東京街道沿いに下げられた藍色ののれんを潜れば、弁柄色の木戸。小体で静謐な空間が広がる。
まず酒は、小さいグラスに三種類の純米酒が注がれた「参酒」八百円から始めてはいかがか。ある日のそれは、開運、鶴齢、宗玄のにごり。その後燗酒を頼めば、「味の違いを試してください」と、おちょこ一杯の冷や酒が出される。酒好きにはたまらぬ趣向である。
肴もツボを突く。細長い板に浸けて焼かれた「焼き味噌」四百九十円や、豆腐味噌漬け「悠久豆腐」四百八十円は、猛烈に燗酒が恋しくなり、そば汁を含んだ「卵焼き」七百八十円は、甘さと出汁が程よくきいて、心を落ち着かせる。
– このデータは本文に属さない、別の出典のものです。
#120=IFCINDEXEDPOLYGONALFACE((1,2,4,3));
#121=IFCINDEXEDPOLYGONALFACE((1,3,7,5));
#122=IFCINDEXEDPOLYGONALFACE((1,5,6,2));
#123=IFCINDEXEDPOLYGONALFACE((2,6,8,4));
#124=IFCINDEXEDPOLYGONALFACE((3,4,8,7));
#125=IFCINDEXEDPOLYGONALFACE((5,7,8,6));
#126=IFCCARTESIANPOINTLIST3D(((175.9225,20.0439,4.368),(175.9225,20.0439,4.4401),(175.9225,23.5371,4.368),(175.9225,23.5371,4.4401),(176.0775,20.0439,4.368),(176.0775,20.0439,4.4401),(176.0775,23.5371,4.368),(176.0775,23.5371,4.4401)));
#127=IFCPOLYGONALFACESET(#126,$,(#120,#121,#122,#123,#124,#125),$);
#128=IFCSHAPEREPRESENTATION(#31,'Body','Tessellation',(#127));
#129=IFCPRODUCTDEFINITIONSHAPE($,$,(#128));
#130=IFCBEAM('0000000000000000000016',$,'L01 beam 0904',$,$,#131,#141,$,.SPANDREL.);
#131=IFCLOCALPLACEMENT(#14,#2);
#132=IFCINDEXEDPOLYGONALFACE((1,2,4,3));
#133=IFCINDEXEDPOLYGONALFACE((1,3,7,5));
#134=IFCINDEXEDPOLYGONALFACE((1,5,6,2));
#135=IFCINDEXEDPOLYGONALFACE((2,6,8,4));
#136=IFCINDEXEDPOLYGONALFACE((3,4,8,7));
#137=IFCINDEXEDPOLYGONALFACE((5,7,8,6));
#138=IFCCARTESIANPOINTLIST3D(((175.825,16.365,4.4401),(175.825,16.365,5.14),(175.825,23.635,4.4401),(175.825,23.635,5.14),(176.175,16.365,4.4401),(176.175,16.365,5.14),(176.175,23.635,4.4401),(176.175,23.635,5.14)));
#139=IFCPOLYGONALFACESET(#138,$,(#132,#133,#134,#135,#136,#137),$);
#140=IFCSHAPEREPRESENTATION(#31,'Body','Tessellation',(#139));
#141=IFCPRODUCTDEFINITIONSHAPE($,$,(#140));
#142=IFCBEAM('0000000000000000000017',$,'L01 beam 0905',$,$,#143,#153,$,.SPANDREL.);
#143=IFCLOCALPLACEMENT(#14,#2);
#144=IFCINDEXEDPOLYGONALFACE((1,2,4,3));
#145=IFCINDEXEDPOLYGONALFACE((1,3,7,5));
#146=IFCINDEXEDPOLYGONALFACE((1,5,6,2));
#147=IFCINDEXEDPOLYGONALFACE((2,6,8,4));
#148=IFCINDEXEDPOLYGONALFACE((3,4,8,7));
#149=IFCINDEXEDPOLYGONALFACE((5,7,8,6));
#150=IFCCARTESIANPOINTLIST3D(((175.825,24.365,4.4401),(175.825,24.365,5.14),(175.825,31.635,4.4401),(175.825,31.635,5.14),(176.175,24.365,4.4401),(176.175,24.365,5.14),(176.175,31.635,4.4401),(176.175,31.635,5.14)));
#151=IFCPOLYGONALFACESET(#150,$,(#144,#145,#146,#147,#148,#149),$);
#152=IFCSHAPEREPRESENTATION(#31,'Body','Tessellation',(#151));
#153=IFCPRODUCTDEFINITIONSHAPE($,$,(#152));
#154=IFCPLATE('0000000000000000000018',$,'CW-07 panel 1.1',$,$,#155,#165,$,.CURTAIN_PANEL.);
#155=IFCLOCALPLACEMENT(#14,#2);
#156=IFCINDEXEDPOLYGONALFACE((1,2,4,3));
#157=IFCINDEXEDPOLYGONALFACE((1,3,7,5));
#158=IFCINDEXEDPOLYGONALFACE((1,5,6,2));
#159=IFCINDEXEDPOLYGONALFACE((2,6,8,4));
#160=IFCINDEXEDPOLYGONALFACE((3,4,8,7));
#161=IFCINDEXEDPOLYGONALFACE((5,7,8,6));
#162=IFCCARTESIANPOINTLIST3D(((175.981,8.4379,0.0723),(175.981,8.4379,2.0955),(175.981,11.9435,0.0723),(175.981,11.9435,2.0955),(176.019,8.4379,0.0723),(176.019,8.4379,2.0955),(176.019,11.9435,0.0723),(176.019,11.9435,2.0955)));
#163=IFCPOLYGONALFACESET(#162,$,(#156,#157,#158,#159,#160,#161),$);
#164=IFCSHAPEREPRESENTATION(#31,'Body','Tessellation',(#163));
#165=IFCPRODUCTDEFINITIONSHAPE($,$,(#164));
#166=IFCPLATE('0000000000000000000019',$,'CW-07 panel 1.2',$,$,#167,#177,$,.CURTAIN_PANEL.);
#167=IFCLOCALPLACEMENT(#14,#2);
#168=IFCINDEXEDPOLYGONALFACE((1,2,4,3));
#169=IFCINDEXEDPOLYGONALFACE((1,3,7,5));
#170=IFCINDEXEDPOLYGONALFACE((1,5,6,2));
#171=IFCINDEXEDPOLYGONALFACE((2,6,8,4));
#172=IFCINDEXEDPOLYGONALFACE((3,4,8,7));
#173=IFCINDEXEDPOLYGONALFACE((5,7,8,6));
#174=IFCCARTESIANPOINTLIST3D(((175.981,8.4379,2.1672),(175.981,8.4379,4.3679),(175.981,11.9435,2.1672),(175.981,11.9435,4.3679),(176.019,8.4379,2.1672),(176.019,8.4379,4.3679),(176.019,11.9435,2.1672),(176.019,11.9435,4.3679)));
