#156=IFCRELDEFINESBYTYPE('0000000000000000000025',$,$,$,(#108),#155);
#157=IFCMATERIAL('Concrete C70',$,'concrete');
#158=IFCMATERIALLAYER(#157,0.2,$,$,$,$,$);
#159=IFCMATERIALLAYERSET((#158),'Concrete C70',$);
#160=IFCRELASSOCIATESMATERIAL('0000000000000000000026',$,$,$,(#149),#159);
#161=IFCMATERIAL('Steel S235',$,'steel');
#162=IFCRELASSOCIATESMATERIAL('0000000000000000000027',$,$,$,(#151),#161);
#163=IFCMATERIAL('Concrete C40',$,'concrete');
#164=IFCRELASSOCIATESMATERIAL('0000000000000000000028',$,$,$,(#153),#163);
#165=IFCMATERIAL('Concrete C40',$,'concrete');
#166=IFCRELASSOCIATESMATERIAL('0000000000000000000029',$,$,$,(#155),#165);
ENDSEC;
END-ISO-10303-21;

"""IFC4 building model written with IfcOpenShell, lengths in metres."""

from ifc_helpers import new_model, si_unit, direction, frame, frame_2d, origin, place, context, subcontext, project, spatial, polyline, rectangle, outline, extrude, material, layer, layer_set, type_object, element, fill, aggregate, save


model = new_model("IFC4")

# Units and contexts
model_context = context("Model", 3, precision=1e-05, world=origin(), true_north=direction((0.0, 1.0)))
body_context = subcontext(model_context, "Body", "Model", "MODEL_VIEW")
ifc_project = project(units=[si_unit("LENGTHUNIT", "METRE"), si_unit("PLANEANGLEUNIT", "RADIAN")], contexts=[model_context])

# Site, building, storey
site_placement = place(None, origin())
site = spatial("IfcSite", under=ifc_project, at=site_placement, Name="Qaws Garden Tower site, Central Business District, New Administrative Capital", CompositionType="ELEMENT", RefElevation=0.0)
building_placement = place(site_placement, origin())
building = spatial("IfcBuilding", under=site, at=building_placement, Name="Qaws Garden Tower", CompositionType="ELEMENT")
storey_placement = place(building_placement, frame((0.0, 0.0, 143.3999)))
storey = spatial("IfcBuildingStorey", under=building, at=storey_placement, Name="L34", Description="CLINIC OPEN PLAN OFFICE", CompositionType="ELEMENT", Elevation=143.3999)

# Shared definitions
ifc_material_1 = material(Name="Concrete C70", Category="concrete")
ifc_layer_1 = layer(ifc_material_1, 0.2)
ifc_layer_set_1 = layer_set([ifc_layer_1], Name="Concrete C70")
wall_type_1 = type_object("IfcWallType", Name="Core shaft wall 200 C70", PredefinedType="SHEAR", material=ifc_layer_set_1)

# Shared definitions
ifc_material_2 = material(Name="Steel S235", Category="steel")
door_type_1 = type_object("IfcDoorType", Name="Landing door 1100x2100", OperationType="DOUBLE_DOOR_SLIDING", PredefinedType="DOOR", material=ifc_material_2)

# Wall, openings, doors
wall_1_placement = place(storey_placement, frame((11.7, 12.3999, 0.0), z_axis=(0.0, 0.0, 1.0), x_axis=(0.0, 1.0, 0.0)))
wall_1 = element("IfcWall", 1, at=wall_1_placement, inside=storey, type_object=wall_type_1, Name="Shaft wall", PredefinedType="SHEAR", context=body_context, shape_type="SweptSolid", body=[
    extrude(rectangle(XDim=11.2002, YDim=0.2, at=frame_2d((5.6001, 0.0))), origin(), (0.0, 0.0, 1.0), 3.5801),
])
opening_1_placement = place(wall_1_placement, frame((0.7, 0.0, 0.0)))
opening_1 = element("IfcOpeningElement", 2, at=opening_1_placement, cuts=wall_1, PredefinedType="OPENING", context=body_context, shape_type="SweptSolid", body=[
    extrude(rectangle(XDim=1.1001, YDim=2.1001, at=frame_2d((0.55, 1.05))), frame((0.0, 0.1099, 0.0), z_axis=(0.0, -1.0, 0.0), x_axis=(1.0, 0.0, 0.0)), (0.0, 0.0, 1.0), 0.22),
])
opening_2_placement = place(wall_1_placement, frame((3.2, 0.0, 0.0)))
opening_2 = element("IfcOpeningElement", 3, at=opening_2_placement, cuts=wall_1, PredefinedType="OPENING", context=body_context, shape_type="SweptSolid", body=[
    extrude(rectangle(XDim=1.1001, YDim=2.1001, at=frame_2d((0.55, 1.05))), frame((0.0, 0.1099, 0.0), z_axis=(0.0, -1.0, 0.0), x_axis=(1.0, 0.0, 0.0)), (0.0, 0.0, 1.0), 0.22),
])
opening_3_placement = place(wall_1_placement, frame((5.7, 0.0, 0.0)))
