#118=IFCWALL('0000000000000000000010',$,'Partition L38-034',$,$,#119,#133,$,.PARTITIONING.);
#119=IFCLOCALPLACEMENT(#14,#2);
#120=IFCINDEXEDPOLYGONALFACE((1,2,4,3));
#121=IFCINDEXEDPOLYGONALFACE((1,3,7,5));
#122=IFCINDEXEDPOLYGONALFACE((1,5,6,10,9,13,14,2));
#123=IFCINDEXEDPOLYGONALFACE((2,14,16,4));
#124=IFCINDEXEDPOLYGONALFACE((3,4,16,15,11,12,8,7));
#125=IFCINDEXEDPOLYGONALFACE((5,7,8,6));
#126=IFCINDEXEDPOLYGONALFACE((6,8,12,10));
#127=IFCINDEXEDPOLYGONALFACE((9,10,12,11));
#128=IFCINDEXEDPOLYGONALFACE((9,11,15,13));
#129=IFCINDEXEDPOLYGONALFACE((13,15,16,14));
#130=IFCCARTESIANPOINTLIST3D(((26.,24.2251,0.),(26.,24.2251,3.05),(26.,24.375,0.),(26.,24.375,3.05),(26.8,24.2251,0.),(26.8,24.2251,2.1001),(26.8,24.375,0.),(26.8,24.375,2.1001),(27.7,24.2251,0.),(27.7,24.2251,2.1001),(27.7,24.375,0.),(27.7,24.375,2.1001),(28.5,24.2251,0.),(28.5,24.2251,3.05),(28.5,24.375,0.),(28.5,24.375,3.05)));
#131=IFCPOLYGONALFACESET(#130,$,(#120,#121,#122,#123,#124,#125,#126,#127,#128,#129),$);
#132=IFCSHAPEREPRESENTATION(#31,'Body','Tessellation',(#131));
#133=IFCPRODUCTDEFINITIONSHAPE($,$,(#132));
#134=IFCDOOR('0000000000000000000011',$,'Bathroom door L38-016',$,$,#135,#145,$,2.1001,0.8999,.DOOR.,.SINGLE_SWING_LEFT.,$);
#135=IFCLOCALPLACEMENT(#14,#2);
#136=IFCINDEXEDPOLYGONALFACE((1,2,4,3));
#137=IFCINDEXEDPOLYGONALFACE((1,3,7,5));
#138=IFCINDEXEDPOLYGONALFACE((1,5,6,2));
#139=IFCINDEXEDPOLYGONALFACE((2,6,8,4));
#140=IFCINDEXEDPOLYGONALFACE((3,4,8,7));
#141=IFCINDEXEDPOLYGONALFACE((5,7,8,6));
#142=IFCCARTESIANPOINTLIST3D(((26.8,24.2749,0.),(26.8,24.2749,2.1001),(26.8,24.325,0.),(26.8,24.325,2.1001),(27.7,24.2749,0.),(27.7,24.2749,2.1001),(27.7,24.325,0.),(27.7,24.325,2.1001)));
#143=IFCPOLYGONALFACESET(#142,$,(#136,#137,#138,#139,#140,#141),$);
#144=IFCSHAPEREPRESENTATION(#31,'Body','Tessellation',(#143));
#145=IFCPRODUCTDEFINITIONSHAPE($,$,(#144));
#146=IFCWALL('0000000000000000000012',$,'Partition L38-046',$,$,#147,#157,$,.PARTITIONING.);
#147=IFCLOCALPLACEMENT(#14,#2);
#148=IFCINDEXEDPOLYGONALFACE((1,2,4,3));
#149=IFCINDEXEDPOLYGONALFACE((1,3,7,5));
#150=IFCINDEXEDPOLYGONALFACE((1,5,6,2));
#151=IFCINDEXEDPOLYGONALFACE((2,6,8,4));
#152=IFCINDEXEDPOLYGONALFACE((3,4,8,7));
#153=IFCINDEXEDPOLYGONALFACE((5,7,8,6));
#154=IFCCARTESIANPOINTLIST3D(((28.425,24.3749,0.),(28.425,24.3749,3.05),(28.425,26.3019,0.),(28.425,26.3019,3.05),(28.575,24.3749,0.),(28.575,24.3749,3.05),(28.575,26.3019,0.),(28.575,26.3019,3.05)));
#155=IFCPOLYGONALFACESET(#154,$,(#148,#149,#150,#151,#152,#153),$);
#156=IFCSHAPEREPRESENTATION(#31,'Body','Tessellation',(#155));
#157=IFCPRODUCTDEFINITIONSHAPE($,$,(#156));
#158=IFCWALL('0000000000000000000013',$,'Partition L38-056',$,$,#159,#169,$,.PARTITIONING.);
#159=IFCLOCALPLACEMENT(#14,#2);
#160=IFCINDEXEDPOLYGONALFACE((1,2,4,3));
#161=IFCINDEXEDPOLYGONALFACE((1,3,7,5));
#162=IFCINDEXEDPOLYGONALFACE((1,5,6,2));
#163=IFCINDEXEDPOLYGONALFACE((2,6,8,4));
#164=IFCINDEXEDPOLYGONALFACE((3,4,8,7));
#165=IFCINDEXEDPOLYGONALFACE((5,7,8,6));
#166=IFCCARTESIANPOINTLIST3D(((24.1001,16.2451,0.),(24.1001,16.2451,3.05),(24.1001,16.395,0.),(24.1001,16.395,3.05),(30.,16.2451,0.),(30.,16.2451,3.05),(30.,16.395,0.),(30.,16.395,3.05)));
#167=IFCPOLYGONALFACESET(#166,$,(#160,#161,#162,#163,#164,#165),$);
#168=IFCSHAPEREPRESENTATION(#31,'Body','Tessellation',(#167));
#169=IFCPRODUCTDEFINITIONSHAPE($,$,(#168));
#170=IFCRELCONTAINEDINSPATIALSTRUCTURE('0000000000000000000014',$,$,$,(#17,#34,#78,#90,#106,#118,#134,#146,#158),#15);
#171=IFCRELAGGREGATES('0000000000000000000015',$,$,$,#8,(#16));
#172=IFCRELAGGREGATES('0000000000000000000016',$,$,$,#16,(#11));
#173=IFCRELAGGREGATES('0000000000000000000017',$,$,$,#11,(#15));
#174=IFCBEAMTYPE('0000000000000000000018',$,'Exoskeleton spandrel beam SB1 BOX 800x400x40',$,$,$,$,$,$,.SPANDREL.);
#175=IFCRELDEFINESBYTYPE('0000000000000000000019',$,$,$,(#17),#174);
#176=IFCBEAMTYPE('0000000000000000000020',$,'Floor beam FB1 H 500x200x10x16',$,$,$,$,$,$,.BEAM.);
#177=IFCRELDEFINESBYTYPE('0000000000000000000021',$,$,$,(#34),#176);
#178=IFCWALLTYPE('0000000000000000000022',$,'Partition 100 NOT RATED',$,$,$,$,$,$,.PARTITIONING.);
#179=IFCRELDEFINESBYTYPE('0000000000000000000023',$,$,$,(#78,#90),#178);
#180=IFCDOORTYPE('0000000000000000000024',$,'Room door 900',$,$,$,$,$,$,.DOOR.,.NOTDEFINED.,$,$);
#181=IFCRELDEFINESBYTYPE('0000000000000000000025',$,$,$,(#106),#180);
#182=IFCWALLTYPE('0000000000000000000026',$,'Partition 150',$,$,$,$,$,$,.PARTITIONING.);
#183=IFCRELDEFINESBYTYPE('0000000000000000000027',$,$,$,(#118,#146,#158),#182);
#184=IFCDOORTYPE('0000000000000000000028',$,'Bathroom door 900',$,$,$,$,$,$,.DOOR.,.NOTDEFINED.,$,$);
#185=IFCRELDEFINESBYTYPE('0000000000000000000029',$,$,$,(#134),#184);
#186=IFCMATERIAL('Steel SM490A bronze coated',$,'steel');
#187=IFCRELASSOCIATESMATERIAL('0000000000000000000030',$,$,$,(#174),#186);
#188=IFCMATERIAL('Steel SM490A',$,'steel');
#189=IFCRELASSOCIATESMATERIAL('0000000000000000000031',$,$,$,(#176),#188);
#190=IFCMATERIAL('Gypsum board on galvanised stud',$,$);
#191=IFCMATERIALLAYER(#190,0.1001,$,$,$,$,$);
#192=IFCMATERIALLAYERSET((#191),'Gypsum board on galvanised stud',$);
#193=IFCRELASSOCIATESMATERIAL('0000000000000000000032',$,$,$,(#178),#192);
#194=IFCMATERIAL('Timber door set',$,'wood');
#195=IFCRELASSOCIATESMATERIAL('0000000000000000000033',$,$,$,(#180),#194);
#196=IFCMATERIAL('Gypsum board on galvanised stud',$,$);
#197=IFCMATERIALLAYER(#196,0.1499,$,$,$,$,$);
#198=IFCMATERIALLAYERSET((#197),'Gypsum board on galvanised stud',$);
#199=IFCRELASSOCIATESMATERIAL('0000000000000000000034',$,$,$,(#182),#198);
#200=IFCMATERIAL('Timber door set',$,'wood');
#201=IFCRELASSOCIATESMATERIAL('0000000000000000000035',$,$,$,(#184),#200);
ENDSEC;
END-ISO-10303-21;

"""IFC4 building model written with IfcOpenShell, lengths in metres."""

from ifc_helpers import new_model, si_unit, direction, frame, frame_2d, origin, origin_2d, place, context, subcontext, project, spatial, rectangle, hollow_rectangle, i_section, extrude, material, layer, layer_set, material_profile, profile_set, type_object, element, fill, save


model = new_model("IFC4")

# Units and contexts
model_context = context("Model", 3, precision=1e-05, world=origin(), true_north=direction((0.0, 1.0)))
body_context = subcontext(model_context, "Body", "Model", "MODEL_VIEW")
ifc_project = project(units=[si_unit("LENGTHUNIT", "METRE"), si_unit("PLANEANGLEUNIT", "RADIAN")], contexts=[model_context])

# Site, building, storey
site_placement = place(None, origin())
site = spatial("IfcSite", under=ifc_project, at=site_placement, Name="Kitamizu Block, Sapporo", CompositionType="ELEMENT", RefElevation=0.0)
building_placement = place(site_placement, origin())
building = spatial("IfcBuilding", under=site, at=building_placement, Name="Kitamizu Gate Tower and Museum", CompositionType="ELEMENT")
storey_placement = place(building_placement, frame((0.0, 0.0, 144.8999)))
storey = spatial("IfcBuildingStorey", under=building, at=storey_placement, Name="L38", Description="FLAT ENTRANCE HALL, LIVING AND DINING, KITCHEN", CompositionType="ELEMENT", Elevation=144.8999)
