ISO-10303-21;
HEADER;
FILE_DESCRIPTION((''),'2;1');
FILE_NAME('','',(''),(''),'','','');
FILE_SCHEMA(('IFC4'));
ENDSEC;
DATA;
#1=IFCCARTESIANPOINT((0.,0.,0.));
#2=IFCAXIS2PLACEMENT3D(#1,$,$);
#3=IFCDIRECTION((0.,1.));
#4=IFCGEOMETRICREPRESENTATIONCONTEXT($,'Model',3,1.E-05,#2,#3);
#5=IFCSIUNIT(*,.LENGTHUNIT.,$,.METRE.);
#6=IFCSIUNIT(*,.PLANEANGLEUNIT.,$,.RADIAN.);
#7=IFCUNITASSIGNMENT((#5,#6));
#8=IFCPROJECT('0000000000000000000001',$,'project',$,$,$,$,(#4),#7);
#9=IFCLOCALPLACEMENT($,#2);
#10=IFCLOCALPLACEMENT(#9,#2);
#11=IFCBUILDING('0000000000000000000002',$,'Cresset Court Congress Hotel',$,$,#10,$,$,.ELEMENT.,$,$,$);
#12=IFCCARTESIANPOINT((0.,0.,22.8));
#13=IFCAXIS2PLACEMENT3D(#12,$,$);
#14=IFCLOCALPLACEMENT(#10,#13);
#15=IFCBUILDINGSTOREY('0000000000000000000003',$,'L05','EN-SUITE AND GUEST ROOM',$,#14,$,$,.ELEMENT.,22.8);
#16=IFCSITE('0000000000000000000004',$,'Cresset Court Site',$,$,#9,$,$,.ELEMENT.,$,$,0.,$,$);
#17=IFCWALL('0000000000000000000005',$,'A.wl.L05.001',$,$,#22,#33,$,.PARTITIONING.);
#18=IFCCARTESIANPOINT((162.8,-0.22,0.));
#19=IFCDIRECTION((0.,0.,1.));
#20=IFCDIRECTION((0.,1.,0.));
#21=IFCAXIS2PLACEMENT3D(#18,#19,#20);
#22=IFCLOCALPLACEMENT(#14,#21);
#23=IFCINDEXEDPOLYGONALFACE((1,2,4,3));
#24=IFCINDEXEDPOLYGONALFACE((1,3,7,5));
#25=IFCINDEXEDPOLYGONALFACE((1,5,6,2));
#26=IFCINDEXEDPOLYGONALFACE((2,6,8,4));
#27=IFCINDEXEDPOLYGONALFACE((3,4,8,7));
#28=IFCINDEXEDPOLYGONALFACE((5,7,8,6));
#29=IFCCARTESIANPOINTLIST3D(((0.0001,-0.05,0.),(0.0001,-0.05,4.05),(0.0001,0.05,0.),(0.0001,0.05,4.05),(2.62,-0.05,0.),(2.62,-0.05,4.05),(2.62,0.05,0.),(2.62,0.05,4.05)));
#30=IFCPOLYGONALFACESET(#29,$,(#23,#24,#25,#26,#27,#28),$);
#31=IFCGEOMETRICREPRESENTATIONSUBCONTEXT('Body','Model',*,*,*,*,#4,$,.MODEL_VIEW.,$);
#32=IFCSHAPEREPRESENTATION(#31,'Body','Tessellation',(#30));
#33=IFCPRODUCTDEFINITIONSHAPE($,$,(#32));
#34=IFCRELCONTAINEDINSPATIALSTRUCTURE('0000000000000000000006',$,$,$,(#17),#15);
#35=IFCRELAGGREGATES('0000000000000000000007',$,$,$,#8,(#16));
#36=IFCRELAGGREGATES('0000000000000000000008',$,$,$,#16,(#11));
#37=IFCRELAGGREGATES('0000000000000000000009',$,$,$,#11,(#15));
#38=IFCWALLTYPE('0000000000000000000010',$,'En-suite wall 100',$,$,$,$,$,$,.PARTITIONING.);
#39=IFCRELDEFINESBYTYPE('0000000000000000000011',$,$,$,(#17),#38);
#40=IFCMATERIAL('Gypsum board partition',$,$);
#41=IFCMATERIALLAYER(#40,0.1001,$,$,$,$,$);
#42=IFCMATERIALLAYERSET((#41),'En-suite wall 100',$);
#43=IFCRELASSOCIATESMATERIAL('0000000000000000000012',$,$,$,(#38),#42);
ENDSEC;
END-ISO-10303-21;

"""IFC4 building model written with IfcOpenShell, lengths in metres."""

from ifc_helpers import new_model, si_unit, direction, frame, frame_2d, origin, place, context, subcontext, project, spatial, rectangle, extrude, material, layer, layer_set, type_object, element, save


model = new_model("IFC4")

# Units and contexts
model_context = context("Model", 3, precision=1e-05, world=origin(), true_north=direction((0.0, 1.0)))
body_context = subcontext(model_context, "Body", "Model", "MODEL_VIEW")
ifc_project = project(units=[si_unit("LENGTHUNIT", "METRE"), si_unit("PLANEANGLEUNIT", "RADIAN")], contexts=[model_context])

# Site, building, storey
site_placement = place(None, origin())
site = spatial("IfcSite", under=ifc_project, at=site_placement, Name="Cresset Court Site", CompositionType="ELEMENT", RefElevation=0.0)
building_placement = place(site_placement, origin())
building = spatial("IfcBuilding", under=site, at=building_placement, Name="Cresset Court Congress Hotel", CompositionType="ELEMENT")
storey_placement = place(building_placement, frame((0.0, 0.0, 22.8)))
storey = spatial("IfcBuildingStorey", under=building, at=storey_placement, Name="L05", Description="EN-SUITE AND GUEST ROOM", CompositionType="ELEMENT", Elevation=22.8)

# Wall
ifc_material_1 = material(Name="Gypsum board partition")
ifc_layer_1 = layer(ifc_material_1, 0.1001)
ifc_layer_set_1 = layer_set([ifc_layer_1], Name="En-suite wall 100")
wall_type_1 = type_object("IfcWallType", Name="En-suite wall 100", PredefinedType="PARTITIONING", material=ifc_layer_set_1)
wall_1_placement = place(storey_placement, frame((162.8, -0.22, 0.0), z_axis=(0.0, 0.0, 1.0), x_axis=(0.0, 1.0, 0.0)))
element("IfcWall", 1, at=wall_1_placement, inside=storey, type_object=wall_type_1, Name="A.wl.L05.001", PredefinedType="PARTITIONING", context=body_context, shape_type="SweptSolid", body=[
    extrude(rectangle(XDim=2.6199, YDim=0.1001, at=frame_2d((1.3101, 0.0))), origin(), (0.0, 0.0, 1.0), 4.05),
])

save(model, "model.ifc")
また、葱の素直な甘さと肝や返しの味がからんだ烏賊による、「千住葱と返し漬け烏賊の肝焼き」六百八十円もお奨め。
そばは珍しい「重ねせいろ」千四百円はいかがか。
もりと温もりの二枚仕立て。まずは、なんとも優しい甘みを忍ばせる極細打ちのもりの、草のような香り、もちっと歯を返すコシ、凛と引き締まったつゆを楽しむ。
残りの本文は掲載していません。